Locally Implementing Senator Kamala Harris' Proposal, Councilmember Blumenfield Calls to Close Gender Pay Gap with 'Equal Pay LA'

LOS ANGELES, CA –Inspired by a bold new proposal from US Senator Kamala Harris, today Councilmember Blumenfield launched ‘Equal Pay LA,’ a new local effort, co-presented by Councilmembers Monica Rodriguez, Mitch O’Farrell and Nury Martinez, to close the gender pay gap and hold bad actors accountable. Currently women in the United States are paid $0.80 cents to the dollar compared to what their male counterparts make and the burden of proof remains on the shoulders of the employee, rather than the employer.

“After hearing about Senator Harris’ proposal to hold corporations accountable for the gender pay gap, I knew Los Angeles should lead the way by implementing her idea locally,” said Blumenfield. “We really need to have a paradigm shift where instead of a worker having to fight for what is right, we should hold corporations accountable for continuing this injustice. Though California has the lowest pay gap compared to other states, anything short of complete equality is unacceptable.”

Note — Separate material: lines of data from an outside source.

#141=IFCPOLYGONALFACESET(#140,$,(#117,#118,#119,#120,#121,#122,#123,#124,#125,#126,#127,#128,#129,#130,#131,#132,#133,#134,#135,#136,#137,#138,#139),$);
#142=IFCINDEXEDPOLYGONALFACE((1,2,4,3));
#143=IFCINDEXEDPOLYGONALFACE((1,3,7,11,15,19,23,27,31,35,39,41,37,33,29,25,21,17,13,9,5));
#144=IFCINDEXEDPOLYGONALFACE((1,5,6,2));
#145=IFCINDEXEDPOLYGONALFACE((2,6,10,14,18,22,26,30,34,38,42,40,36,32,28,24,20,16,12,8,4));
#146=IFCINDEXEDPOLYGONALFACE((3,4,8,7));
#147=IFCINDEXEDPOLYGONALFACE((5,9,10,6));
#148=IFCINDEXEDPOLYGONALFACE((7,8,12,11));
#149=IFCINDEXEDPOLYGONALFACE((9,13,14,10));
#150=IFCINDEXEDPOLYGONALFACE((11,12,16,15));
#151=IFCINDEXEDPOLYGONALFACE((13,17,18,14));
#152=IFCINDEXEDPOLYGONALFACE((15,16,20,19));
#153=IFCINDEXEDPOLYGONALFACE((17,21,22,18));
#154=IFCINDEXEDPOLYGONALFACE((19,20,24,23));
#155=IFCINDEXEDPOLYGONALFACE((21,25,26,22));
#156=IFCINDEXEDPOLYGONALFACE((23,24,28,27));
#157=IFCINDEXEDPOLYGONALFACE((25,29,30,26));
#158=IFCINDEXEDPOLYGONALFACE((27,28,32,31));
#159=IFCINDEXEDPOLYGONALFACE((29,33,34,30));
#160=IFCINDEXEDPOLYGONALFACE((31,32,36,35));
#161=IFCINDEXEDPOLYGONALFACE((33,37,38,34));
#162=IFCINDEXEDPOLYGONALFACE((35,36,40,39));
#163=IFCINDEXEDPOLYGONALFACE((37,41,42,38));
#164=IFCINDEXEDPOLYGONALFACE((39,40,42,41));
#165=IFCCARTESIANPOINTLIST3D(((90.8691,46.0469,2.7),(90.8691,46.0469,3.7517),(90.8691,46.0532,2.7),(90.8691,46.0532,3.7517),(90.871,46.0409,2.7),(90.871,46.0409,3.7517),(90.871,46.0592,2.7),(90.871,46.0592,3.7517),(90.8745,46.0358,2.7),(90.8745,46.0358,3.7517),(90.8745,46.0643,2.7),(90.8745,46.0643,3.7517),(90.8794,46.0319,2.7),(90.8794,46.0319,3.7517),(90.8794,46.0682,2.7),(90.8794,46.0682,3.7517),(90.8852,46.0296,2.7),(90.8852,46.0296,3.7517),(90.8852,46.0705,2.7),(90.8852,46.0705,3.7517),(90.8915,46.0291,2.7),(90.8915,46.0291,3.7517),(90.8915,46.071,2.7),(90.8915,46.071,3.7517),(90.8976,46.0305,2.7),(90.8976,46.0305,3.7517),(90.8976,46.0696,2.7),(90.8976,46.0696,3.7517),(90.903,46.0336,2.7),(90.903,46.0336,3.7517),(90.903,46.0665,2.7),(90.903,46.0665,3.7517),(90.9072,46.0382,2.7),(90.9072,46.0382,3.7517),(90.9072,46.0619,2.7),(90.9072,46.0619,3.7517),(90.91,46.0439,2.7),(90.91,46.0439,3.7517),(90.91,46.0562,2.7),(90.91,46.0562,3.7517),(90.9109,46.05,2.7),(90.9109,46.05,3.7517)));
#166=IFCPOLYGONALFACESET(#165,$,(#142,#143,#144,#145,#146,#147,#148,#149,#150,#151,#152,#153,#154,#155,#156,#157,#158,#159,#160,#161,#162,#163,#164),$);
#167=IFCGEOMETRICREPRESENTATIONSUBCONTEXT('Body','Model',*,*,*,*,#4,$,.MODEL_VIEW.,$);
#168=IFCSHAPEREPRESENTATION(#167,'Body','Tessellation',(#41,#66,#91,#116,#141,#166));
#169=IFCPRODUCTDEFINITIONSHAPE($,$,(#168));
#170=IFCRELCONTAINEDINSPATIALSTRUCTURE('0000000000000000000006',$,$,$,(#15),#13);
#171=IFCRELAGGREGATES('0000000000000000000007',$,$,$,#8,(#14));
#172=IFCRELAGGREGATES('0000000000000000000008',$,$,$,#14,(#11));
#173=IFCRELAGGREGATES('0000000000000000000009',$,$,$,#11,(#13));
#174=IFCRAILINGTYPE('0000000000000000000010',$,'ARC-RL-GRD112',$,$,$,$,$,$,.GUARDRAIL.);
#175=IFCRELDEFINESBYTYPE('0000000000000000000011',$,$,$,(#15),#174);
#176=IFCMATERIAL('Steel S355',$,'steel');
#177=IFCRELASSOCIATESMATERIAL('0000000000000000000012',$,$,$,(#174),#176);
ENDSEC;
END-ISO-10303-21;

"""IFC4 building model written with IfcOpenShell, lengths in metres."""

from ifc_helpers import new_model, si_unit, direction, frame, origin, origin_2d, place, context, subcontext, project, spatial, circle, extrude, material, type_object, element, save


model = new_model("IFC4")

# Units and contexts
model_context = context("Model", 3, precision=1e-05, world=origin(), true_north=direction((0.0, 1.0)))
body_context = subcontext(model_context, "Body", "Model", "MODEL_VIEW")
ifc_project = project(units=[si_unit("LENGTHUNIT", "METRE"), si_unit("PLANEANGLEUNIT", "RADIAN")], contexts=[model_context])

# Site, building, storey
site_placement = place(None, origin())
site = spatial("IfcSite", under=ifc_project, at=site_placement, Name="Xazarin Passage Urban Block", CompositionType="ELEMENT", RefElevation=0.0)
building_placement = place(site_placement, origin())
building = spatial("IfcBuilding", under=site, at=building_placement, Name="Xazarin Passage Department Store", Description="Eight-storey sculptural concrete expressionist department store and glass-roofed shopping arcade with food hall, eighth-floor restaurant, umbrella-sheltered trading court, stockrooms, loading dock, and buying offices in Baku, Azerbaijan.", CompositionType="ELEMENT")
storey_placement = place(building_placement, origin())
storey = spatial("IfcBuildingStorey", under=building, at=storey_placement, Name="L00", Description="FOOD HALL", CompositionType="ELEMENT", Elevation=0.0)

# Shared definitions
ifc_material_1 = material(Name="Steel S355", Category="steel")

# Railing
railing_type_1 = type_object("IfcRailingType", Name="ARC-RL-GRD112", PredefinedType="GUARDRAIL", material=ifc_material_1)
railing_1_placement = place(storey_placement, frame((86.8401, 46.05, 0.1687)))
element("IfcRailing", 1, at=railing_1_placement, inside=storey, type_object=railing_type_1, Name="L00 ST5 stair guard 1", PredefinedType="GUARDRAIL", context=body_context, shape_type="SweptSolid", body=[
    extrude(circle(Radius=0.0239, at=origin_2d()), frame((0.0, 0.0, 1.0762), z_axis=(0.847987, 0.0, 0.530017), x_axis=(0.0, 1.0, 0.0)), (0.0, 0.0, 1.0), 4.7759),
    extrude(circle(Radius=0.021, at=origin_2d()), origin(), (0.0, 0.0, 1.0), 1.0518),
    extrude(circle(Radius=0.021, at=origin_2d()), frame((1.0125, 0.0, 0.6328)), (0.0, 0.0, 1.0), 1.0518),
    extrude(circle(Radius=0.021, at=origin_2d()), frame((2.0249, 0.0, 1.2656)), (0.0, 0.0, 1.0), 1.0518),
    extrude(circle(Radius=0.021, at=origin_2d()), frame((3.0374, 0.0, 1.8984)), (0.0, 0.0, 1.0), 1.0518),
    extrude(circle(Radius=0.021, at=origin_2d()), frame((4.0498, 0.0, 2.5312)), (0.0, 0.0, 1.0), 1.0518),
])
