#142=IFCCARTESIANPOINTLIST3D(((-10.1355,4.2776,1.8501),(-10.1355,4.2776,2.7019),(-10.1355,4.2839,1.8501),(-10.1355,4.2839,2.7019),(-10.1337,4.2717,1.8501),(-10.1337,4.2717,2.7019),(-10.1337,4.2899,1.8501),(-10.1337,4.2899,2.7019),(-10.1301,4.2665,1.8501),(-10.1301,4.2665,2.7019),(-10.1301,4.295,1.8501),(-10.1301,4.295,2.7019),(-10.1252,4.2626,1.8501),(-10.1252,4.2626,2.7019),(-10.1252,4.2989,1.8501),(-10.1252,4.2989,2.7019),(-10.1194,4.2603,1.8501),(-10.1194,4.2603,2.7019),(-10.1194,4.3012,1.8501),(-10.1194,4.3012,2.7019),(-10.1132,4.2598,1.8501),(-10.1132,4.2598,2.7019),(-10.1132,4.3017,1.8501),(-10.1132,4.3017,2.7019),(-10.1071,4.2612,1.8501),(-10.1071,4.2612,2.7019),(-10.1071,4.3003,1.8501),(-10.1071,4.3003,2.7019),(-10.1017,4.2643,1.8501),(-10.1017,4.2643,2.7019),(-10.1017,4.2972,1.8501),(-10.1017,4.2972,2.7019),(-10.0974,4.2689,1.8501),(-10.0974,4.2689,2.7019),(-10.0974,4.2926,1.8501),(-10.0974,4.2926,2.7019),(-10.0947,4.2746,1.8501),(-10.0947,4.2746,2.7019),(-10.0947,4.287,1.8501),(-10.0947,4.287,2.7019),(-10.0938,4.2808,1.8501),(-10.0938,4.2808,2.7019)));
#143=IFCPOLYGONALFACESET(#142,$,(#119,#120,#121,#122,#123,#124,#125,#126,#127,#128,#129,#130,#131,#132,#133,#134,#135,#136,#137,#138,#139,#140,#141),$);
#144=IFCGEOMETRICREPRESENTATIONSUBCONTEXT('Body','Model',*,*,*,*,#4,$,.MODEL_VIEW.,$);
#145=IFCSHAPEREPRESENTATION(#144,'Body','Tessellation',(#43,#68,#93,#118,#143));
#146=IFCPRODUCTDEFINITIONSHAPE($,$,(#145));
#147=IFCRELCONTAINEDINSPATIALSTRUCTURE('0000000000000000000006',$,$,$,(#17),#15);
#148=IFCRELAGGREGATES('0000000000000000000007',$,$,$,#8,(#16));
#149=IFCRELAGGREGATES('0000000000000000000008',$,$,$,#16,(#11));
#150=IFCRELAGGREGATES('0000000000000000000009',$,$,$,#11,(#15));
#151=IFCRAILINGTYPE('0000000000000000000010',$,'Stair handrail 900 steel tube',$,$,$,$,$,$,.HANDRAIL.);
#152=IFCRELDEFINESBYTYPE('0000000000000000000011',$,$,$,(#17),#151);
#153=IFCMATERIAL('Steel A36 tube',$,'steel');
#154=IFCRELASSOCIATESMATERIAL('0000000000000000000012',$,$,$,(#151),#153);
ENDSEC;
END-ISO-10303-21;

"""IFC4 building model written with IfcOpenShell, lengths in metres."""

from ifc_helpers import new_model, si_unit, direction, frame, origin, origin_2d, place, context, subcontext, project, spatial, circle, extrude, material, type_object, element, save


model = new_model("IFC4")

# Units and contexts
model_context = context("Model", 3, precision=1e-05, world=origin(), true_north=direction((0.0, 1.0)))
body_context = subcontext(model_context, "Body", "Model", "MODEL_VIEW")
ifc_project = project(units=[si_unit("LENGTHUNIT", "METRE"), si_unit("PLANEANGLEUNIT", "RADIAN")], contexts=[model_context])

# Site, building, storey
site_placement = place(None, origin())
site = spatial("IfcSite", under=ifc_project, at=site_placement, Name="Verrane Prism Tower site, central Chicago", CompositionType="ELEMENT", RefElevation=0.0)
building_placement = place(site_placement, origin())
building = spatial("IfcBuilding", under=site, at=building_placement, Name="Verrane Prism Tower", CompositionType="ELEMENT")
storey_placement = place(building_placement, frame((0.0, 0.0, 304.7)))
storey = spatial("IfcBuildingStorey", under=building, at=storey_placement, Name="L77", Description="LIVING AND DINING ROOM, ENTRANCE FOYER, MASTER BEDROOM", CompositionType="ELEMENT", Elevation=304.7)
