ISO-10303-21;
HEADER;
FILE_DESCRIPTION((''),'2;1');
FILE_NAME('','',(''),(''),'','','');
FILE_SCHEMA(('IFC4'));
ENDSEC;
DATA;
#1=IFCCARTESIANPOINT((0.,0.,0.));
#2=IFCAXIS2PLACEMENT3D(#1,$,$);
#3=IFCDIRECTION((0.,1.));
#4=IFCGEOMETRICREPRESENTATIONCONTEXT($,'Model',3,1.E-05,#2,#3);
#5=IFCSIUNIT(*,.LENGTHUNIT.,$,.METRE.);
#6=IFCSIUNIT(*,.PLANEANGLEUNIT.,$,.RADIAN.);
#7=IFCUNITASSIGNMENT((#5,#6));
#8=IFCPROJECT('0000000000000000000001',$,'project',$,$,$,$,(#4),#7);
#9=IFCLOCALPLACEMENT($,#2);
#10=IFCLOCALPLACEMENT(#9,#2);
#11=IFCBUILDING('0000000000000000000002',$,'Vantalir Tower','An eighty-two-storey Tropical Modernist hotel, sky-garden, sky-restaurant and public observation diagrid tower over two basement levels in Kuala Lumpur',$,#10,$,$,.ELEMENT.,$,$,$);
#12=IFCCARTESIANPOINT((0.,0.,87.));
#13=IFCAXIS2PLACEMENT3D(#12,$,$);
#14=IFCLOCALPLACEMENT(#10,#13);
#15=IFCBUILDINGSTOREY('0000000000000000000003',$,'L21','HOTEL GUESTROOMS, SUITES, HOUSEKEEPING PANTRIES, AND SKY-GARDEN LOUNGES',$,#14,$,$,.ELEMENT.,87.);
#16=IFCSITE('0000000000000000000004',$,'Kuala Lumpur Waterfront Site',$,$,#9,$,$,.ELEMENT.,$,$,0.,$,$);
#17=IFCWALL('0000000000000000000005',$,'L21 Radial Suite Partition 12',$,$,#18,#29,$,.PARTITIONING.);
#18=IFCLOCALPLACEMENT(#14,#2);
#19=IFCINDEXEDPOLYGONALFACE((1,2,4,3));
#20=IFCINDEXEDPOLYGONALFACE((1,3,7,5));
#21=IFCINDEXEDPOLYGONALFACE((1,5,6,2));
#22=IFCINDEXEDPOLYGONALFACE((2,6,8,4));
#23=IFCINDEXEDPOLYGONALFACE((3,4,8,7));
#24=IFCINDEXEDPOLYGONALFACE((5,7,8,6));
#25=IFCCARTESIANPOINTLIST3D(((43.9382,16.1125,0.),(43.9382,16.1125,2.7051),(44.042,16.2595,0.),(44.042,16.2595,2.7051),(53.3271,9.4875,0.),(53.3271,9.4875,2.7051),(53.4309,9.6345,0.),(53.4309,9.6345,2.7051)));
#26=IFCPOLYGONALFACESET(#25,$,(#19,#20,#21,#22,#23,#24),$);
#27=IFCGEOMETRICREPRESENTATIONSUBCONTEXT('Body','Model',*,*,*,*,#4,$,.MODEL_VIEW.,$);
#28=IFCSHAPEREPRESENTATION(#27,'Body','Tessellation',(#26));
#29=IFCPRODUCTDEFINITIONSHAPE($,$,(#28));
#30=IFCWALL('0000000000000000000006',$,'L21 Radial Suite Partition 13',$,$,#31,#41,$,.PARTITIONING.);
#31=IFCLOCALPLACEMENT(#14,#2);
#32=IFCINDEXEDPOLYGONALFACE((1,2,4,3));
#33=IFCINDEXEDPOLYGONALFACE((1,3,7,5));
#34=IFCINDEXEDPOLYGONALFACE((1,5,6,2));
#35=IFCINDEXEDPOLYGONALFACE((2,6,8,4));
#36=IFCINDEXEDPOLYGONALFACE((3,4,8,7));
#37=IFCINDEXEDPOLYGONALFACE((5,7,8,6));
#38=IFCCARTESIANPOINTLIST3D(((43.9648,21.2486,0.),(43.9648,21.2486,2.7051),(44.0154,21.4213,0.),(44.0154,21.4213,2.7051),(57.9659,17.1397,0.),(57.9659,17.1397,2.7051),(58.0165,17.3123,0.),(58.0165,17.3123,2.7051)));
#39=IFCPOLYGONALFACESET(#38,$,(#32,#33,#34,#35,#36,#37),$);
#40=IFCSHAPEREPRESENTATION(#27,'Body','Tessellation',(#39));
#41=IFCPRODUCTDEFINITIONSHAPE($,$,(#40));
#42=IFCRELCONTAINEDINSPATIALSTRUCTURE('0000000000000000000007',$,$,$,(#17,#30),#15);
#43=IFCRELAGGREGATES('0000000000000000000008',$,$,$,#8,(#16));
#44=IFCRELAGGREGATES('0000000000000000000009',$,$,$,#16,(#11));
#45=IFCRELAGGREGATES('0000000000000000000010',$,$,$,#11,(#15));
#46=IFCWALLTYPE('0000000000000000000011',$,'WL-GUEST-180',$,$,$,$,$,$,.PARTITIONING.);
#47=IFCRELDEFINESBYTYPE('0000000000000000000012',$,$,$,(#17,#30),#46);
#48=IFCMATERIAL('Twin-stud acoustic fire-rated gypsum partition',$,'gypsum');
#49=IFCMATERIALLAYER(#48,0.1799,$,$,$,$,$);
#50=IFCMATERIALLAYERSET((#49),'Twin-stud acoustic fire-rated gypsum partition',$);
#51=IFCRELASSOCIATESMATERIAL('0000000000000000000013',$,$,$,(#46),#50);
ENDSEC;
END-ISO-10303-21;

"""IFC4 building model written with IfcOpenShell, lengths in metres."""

from ifc_helpers import new_model, si_unit, direction, frame, frame_2d, origin, place, context, subcontext, project, spatial, rectangle, extrude, material, layer, layer_set, type_object, element, save


model = new_model("IFC4")

# Units and contexts
model_context = context("Model", 3, precision=1e-05, world=origin(), true_north=direction((0.0, 1.0)))
body_context = subcontext(model_context, "Body", "Model", "MODEL_VIEW")
ifc_project = project(units=[si_unit("LENGTHUNIT", "METRE"), si_unit("PLANEANGLEUNIT", "RADIAN")], contexts=[model_context])

# Site, building, storey
site_placement = place(None, origin())
site = spatial("IfcSite", under=ifc_project, at=site_placement, Name="Kuala Lumpur Waterfront Site", CompositionType="ELEMENT", RefElevation=0.0)
building_placement = place(site_placement, origin())
building = spatial("IfcBuilding", under=site, at=building_placement, Name="Vantalir Tower", Description="An eighty-two-storey Tropical Modernist hotel, sky-garden, sky-restaurant and public observation diagrid tower over two basement levels in Kuala Lumpur", CompositionType="ELEMENT")
storey_placement = place(building_placement, frame((0.0, 0.0, 87.0)))
storey = spatial("IfcBuildingStorey", under=building, at=storey_placement, Name="L21", Description="HOTEL GUESTROOMS, SUITES, HOUSEKEEPING PANTRIES, AND SKY-GARDEN LOUNGES", CompositionType="ELEMENT", Elevation=87.0)

# Walls
ifc_material_1 = material(Name="Twin-stud acoustic fire-rated gypsum partition", Category="gypsum")
ifc_layer_1 = layer(ifc_material_1, 0.1799)
ifc_layer_set_1 = layer_set([ifc_layer_1], Name="Twin-stud acoustic fire-rated gypsum partition")
wall_type_1 = type_object("IfcWallType", Name="WL-GUEST-180", PredefinedType="PARTITIONING", material=ifc_layer_set_1)
wall_1_placement = place(storey_placement, frame((43.99, 16.186, 0.0), z_axis=(0.0, 0.0, 1.0), x_axis=(0.817069, -0.57654, 0.0)))
element("IfcWall", 1, at=wall_1_placement, inside=storey, type_object=wall_type_1, Name="L21 Radial Suite Partition 12", PredefinedType="PARTITIONING", context=body_context, shape_type="SweptSolid", body=[
    extrude(rectangle(XDim=11.491, YDim=0.1799, at=frame_2d((5.7456, 0.0))), origin(), (0.0, 0.0, 1.0), 2.7051),
])
wall_2_placement = place(storey_placement, frame((43.99, 21.335, 0.0), z_axis=(0.0, 0.0, 1.0), x_axis=(0.959533, -0.281596, 0.0)))
element("IfcWall", 2, at=wall_2_placement, inside=storey, type_object=wall_type_1, Name="L21 Radial Suite Partition 13", PredefinedType="PARTITIONING", context=body_context, shape_type="SweptSolid", body=[
    extrude(rectangle(XDim=14.5916, YDim=0.1799, at=frame_2d((7.2959, 0.0))), origin(), (0.0, 0.0, 1.0), 2.7051),
])

save(model, "model.ifc")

Councilwoman Nury Martinez said, “Since I’ve been in office, fighting for equal pay has been one of my top priorities. So much that I worked to remove all questions about salary history from City job applications to close the gender wage gap. It is ridiculous that in 2019 women across the United States are still getting paid just $0.80 cents for every dollar paid to men. As a City, taking this important step forward in ensuring women get paid equally as men for a hard day’s work, is the right direction in creating a more equitable future for the next generation. It’s the right thing to do, especially now, when women's rights are under attack.” 

"It's simple -- women deserve to be paid as much as men for equal work," said Councilwoman Monica Rodriguez. "Latinas on average make $0.53 cents for every dollar paid to men. We must close the gender pay gap to ensure that women of all backgrounds are compensated fairly."

According to a recent study on gender pay inequity from the National Partnership for Women and Families, the median annual pay for a woman who holds a full-time, year-round job is $41,977 while the median annual pay for a man who holds a full-time, year-round job is $52,146.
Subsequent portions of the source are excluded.